Hulk Hogan's lawyer Sean Vogt questioned Daulerio about the tape and his willingness if at all to do some journalistic digging and reporting.
“Before posting this video, did you try to determine whether the sex was consensual?”
“As far as I knew, it was consensual,” Daulerio answered.
“Did you contact the subject of the video?” the attorney pressed.
“Um, no, I did not,” Daulerio admitted
Gawker who when it's not seeing itself as a champion of the first amendment is defending porno tapes as being "newsworthy," because those at Gawker are Very Serious Journalists. And yet, none of them ever pick up the phone and ask questions, the way real journalists do.
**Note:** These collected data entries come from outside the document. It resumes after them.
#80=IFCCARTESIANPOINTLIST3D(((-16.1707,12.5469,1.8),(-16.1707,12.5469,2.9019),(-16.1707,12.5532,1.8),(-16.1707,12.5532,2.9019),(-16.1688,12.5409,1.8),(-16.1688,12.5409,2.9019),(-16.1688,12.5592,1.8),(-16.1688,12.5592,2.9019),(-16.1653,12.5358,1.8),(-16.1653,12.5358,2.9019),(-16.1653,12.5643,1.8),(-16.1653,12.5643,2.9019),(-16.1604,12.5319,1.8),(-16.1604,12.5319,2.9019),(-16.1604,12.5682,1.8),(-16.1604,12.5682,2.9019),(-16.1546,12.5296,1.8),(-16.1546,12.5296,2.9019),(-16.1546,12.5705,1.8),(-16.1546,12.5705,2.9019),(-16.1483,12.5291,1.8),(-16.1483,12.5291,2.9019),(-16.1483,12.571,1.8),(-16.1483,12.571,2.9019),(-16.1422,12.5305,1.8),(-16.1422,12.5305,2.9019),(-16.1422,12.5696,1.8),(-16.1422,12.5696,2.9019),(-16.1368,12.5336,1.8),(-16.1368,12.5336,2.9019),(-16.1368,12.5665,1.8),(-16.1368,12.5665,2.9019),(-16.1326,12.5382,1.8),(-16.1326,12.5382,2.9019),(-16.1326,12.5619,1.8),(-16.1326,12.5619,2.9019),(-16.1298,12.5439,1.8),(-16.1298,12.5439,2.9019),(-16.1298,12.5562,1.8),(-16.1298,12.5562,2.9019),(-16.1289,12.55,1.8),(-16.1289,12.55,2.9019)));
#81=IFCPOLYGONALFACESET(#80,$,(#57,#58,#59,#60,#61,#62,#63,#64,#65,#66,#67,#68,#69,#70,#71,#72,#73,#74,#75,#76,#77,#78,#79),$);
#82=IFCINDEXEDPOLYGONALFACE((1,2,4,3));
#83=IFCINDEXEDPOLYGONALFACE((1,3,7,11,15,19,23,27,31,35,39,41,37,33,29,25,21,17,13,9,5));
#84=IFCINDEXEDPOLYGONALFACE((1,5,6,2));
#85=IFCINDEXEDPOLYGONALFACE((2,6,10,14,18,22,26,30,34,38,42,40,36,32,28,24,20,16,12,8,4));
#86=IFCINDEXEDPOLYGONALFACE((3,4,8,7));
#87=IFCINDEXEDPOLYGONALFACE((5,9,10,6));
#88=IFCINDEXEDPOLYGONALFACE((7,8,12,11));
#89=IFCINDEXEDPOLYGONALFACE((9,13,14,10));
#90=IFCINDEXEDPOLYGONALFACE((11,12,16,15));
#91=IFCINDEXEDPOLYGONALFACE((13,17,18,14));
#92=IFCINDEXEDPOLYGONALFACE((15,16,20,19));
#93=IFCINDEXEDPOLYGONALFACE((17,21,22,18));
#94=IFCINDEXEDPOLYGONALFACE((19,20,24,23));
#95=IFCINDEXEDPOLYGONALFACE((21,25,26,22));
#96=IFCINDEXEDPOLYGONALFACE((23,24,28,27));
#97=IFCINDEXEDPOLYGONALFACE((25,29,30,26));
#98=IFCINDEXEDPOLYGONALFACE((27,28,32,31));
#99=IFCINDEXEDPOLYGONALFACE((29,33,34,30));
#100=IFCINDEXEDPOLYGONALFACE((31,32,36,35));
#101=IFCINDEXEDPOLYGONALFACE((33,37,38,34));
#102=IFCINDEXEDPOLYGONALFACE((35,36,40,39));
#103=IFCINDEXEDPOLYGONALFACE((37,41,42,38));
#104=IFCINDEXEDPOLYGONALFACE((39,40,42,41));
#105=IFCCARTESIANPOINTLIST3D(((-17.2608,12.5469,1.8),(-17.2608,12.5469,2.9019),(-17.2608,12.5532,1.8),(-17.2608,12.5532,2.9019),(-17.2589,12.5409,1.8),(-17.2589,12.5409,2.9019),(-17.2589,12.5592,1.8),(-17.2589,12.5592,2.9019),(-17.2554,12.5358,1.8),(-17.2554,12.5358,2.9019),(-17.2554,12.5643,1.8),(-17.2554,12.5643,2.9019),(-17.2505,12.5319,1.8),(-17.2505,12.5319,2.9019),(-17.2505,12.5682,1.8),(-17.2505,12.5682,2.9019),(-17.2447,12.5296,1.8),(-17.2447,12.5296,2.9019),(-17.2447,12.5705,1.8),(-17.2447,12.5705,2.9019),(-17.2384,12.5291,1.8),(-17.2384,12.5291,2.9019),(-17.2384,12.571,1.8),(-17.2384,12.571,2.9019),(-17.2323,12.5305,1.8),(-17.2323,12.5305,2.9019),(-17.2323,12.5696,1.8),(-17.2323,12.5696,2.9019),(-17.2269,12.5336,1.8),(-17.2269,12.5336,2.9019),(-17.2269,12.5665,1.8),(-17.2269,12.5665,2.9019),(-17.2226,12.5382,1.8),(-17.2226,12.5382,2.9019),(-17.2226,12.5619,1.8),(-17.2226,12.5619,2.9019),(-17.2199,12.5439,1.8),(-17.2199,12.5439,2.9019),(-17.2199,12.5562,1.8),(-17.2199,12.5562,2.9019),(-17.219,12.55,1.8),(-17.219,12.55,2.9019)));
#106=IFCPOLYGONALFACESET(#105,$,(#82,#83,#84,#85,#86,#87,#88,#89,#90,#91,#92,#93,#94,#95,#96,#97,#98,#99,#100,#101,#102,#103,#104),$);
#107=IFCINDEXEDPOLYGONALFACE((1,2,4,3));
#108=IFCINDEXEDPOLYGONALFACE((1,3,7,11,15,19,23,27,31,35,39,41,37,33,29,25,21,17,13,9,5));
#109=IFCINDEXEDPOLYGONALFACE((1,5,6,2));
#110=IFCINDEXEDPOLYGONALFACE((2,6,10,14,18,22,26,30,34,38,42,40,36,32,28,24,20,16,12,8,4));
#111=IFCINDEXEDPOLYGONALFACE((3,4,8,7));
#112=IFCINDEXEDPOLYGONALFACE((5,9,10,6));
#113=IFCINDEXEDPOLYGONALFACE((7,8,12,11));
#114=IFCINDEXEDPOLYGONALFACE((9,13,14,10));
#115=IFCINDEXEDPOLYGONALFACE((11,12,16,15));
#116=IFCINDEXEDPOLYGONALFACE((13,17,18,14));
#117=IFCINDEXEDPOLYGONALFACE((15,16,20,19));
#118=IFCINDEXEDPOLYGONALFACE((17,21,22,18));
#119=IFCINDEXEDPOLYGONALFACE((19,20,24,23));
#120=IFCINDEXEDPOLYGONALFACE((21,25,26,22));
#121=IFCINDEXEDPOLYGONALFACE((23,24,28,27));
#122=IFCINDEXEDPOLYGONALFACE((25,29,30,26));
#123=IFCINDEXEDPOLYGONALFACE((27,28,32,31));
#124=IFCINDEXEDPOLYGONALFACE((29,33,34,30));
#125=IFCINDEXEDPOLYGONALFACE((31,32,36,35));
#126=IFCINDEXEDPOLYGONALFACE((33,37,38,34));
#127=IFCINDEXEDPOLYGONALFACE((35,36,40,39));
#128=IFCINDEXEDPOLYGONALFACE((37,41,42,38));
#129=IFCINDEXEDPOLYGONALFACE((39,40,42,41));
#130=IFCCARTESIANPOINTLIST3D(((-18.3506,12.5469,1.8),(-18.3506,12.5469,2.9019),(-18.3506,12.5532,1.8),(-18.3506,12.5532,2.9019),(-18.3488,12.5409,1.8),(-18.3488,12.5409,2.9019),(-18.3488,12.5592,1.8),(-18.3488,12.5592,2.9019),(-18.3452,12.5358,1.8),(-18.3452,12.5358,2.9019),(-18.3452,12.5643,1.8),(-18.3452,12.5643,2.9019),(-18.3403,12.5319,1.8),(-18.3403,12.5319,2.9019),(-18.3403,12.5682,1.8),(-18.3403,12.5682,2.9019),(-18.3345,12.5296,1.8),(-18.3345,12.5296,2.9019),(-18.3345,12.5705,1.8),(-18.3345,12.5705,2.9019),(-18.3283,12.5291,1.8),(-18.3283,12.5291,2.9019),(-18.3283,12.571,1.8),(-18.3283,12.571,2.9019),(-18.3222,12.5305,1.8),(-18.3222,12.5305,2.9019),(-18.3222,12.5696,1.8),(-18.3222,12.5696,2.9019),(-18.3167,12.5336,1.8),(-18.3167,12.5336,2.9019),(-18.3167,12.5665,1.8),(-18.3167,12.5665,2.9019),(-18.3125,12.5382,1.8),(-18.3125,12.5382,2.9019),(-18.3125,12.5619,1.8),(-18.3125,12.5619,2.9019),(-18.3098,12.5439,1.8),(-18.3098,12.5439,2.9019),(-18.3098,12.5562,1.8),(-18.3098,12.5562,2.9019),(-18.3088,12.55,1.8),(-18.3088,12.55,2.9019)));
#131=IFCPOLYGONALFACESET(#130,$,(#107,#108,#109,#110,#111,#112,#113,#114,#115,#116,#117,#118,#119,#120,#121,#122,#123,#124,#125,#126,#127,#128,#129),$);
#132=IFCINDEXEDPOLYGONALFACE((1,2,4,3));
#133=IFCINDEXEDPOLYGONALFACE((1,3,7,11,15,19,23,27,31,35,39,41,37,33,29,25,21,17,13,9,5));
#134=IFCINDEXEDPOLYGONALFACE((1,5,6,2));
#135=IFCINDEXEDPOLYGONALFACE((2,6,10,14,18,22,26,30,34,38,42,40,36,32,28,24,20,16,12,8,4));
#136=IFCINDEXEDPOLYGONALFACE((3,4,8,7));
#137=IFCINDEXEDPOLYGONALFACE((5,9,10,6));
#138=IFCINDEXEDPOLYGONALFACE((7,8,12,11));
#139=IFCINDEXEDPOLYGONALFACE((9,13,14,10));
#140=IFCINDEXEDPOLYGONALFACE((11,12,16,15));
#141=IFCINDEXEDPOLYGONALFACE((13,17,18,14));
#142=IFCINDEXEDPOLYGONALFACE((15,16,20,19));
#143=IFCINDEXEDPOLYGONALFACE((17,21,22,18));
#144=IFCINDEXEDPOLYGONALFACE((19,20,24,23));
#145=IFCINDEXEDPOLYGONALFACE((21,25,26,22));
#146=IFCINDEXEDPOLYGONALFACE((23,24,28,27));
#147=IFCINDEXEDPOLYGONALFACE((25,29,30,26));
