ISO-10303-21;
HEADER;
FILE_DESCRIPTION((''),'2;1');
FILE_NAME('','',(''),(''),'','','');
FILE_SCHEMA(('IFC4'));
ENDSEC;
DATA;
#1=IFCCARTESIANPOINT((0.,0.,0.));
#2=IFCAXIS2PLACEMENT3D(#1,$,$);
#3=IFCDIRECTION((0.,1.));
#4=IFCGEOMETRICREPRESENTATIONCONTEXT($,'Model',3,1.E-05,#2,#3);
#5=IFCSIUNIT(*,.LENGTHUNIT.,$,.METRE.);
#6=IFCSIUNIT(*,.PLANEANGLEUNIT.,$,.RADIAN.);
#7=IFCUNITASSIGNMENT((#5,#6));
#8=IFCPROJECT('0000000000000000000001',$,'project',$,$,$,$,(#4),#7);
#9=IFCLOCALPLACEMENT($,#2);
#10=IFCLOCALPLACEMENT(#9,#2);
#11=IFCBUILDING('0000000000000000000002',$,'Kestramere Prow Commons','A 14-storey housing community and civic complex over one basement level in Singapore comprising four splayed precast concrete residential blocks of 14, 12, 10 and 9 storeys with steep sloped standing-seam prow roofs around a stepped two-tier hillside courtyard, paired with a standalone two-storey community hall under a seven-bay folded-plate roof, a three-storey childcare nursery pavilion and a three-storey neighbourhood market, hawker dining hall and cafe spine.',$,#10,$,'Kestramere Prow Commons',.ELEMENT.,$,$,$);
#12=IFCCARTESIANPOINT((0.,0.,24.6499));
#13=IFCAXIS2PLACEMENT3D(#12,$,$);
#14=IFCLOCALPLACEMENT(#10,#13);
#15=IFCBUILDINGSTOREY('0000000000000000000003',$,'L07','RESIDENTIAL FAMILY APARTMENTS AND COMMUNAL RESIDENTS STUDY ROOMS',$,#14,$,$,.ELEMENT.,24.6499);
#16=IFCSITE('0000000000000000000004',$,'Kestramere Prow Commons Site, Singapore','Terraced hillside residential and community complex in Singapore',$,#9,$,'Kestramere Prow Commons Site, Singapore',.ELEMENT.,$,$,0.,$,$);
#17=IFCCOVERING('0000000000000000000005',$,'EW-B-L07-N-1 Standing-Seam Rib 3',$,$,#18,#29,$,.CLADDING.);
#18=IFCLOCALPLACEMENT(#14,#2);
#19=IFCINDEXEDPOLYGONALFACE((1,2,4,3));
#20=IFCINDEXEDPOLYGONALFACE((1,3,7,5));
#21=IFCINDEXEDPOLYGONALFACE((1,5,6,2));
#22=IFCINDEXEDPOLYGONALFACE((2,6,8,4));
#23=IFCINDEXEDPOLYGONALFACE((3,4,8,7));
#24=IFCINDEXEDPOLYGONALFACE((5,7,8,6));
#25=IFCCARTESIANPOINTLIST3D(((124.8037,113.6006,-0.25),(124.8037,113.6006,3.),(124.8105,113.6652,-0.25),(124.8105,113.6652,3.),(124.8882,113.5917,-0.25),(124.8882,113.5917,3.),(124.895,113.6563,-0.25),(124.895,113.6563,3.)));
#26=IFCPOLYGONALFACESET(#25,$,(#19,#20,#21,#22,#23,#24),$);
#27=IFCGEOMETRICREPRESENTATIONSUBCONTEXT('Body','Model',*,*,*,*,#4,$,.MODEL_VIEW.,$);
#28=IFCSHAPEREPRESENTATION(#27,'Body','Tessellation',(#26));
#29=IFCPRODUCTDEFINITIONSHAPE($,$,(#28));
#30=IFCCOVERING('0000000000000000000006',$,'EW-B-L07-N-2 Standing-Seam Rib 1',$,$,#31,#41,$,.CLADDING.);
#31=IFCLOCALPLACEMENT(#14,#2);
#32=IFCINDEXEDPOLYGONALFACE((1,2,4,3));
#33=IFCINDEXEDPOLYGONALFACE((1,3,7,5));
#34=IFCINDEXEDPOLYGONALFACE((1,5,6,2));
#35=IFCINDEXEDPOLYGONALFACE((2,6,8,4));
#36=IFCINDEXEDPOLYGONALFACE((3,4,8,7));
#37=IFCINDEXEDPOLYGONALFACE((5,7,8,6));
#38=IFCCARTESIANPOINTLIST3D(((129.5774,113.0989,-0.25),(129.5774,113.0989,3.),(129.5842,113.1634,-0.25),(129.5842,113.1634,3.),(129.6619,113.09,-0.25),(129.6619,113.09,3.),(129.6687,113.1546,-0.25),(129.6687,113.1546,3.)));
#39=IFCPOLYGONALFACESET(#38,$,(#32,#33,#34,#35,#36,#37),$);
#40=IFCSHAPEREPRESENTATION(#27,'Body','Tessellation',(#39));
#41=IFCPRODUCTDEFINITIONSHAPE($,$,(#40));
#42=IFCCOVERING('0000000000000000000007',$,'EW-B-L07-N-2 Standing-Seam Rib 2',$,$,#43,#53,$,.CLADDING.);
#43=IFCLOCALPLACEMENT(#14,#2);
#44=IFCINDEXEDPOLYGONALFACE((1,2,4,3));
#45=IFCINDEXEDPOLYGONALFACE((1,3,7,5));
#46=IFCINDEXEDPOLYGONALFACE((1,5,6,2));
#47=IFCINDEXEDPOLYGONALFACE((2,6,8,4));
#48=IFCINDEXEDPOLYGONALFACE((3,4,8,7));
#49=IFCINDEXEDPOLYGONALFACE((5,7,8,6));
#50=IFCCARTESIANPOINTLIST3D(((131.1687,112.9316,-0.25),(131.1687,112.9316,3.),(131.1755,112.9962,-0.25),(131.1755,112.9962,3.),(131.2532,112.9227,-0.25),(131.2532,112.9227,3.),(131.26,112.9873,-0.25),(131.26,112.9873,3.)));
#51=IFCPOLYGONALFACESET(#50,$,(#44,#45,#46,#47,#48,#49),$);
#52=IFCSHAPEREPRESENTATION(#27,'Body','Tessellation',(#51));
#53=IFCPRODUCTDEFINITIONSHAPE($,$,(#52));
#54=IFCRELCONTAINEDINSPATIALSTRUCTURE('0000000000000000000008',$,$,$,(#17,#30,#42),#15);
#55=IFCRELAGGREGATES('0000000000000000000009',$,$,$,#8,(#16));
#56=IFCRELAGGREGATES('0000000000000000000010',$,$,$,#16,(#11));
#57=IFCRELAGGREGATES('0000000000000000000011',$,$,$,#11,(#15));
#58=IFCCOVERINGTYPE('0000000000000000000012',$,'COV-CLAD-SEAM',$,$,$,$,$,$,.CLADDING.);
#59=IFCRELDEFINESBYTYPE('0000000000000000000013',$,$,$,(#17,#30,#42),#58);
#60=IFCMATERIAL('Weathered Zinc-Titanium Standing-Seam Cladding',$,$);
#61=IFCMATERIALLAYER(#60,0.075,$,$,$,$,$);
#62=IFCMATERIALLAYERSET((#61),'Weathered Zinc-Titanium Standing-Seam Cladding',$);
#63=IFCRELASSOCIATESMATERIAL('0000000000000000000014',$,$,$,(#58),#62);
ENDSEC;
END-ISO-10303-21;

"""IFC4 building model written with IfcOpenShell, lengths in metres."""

from ifc_helpers import new_model, si_unit, direction, frame, origin, origin_2d, place, context, subcontext, project, spatial, rectangle, extrude, material, layer, layer_set, type_object, element, save


model = new_model("IFC4")

# Units and contexts
model_context = context("Model", 3, precision=1e-05, world=origin(), true_north=direction((0.0, 1.0)))
body_context = subcontext(model_context, "Body", "Model", "MODEL_VIEW")
ifc_project = project(units=[si_unit("LENGTHUNIT", "METRE"), si_unit("PLANEANGLEUNIT", "RADIAN")], contexts=[model_context])

# Site, building, storey
site_placement = place(None, origin())
site = spatial("IfcSite", under=ifc_project, at=site_placement, Name="Kestramere Prow Commons Site, Singapore", Description="Terraced hillside residential and community complex in Singapore", LongName="Kestramere Prow Commons Site, Singapore", CompositionType="ELEMENT", RefElevation=0.0)
building_placement = place(site_placement, origin())
building = spatial("IfcBuilding", under=site, at=building_placement, Name="Kestramere Prow Commons", Description="A 14-storey housing community and civic complex over one basement level in Singapore comprising four splayed precast concrete residential blocks of 14, 12, 10 and 9 storeys with steep sloped standing-seam prow roofs around a stepped two-tier hillside courtyard, paired with a standalone two-storey community hall under a seven-bay folded-plate roof, a three-storey childcare nursery pavilion and a three-storey neighbourhood market, hawker dining hall and cafe spine.", LongName="Kestramere Prow Commons", CompositionType="ELEMENT")
storey_placement = place(building_placement, frame((0.0, 0.0, 24.6499)))
storey = spatial("IfcBuildingStorey", under=building, at=storey_placement, Name="L07", Description="RESIDENTIAL FAMILY APARTMENTS AND COMMUNAL RESIDENTS STUDY ROOMS", CompositionType="ELEMENT", Elevation=24.6499)

# Coverings
ifc_material_1 = material(Name="Weathered Zinc-Titanium Standing-Seam Cladding")
ifc_layer_1 = layer(ifc_material_1, 0.075)
ifc_layer_set_1 = layer_set([ifc_layer_1], Name="Weathered Zinc-Titanium Standing-Seam Cladding")
covering_type = type_object("IfcCoveringType", Name="COV-CLAD-SEAM", PredefinedType="CLADDING", material=ifc_layer_set_1)
for number, where, z_axis, x_axis, name in (
    (1, (124.8494, 113.6284, -0.25), (0.0, 0.0, 1.0), (0.994522, -0.104528, 0.0), "EW-B-L07-N-1 Standing-Seam Rib 3"),
    (2, (129.623, 113.1267, -0.25), (0.0, 0.0, 1.0), (0.994522, -0.104528, 0.0), "EW-B-L07-N-2 Standing-Seam Rib 1"),
    (3, (131.2144, 112.9595, -0.25), (0.0, 0.0, 1.0), (0.994522, -0.104528, 0.0), "EW-B-L07-N-2 Standing-Seam Rib 2"),
):
    element("IfcCovering", number, at=place(storey_placement, frame(where, z_axis=z_axis, x_axis=x_axis)), inside=storey, type_object=covering_type, Name=name, PredefinedType="CLADDING", context=body_context, shape_type="SweptSolid", body=[
        extrude(rectangle(XDim=0.085, YDim=0.0649, at=origin_2d()), origin(), (0.0, 0.0, 1.0), 3.25),
    ])

save(model, "model.ifc")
I should know: My father was a journalist for more than forty years. I can still see a phone tucked between his chin and shoulder as he furiously scribbled down answered to questions in shorthand notes before writing up a story. The idea no one would think to do this is either an outright lie, or shows just how far "journalism," has fallen. I suspect it's a bit of both. We're living in times where articles by so-called journalists are nothing more than a series of Twitter reactions at best. No one can bothered to check a source or verify it, or ask questions. Instead, they are the textbook definition of laziness in combing through social media for anything that sounds like a story, even if it isn't true. And this is true of NME, The Daily Mail and scores of others who got the Star Wars Body Shaming story just plain wrong. But the damage is done, too late to change it whether the story is removed or a flimsy non-apology gets issued on a Friday afternoon when no one is looking.
While those regular news outlets are reporting hoaxes and half truths, they still are less toxic than Gawker, because they aren't inserting themselves in the news to create a story. Only a few weeks ago, Gawker created a Mussolini bot on Twitter with quotes from the dictator, attributed to Donald Trump in the hopes that Trump would retweet one, thereby proving something.
Let that sink in. Instead of reporting on news, or interviewing people, or writing an actual story, Gawker decided to write a story about Gawker setting up a parody account. On Twitter. And how they tweeted at a Presidential candidate. Every day. Multiple times a day. For three months. Until finally. Three months later. Donald Trump retweeted them. GOTCHA.
Brands. Media buyers. We've already reported on how digital paid media is a fraud, that doesn't do that much for your brand. But if you still want to prop up the house of cards, at least be choosy about where you place your ads. Gawker is the Zika of news outlets. How much longer are you going to spend your money advertising there?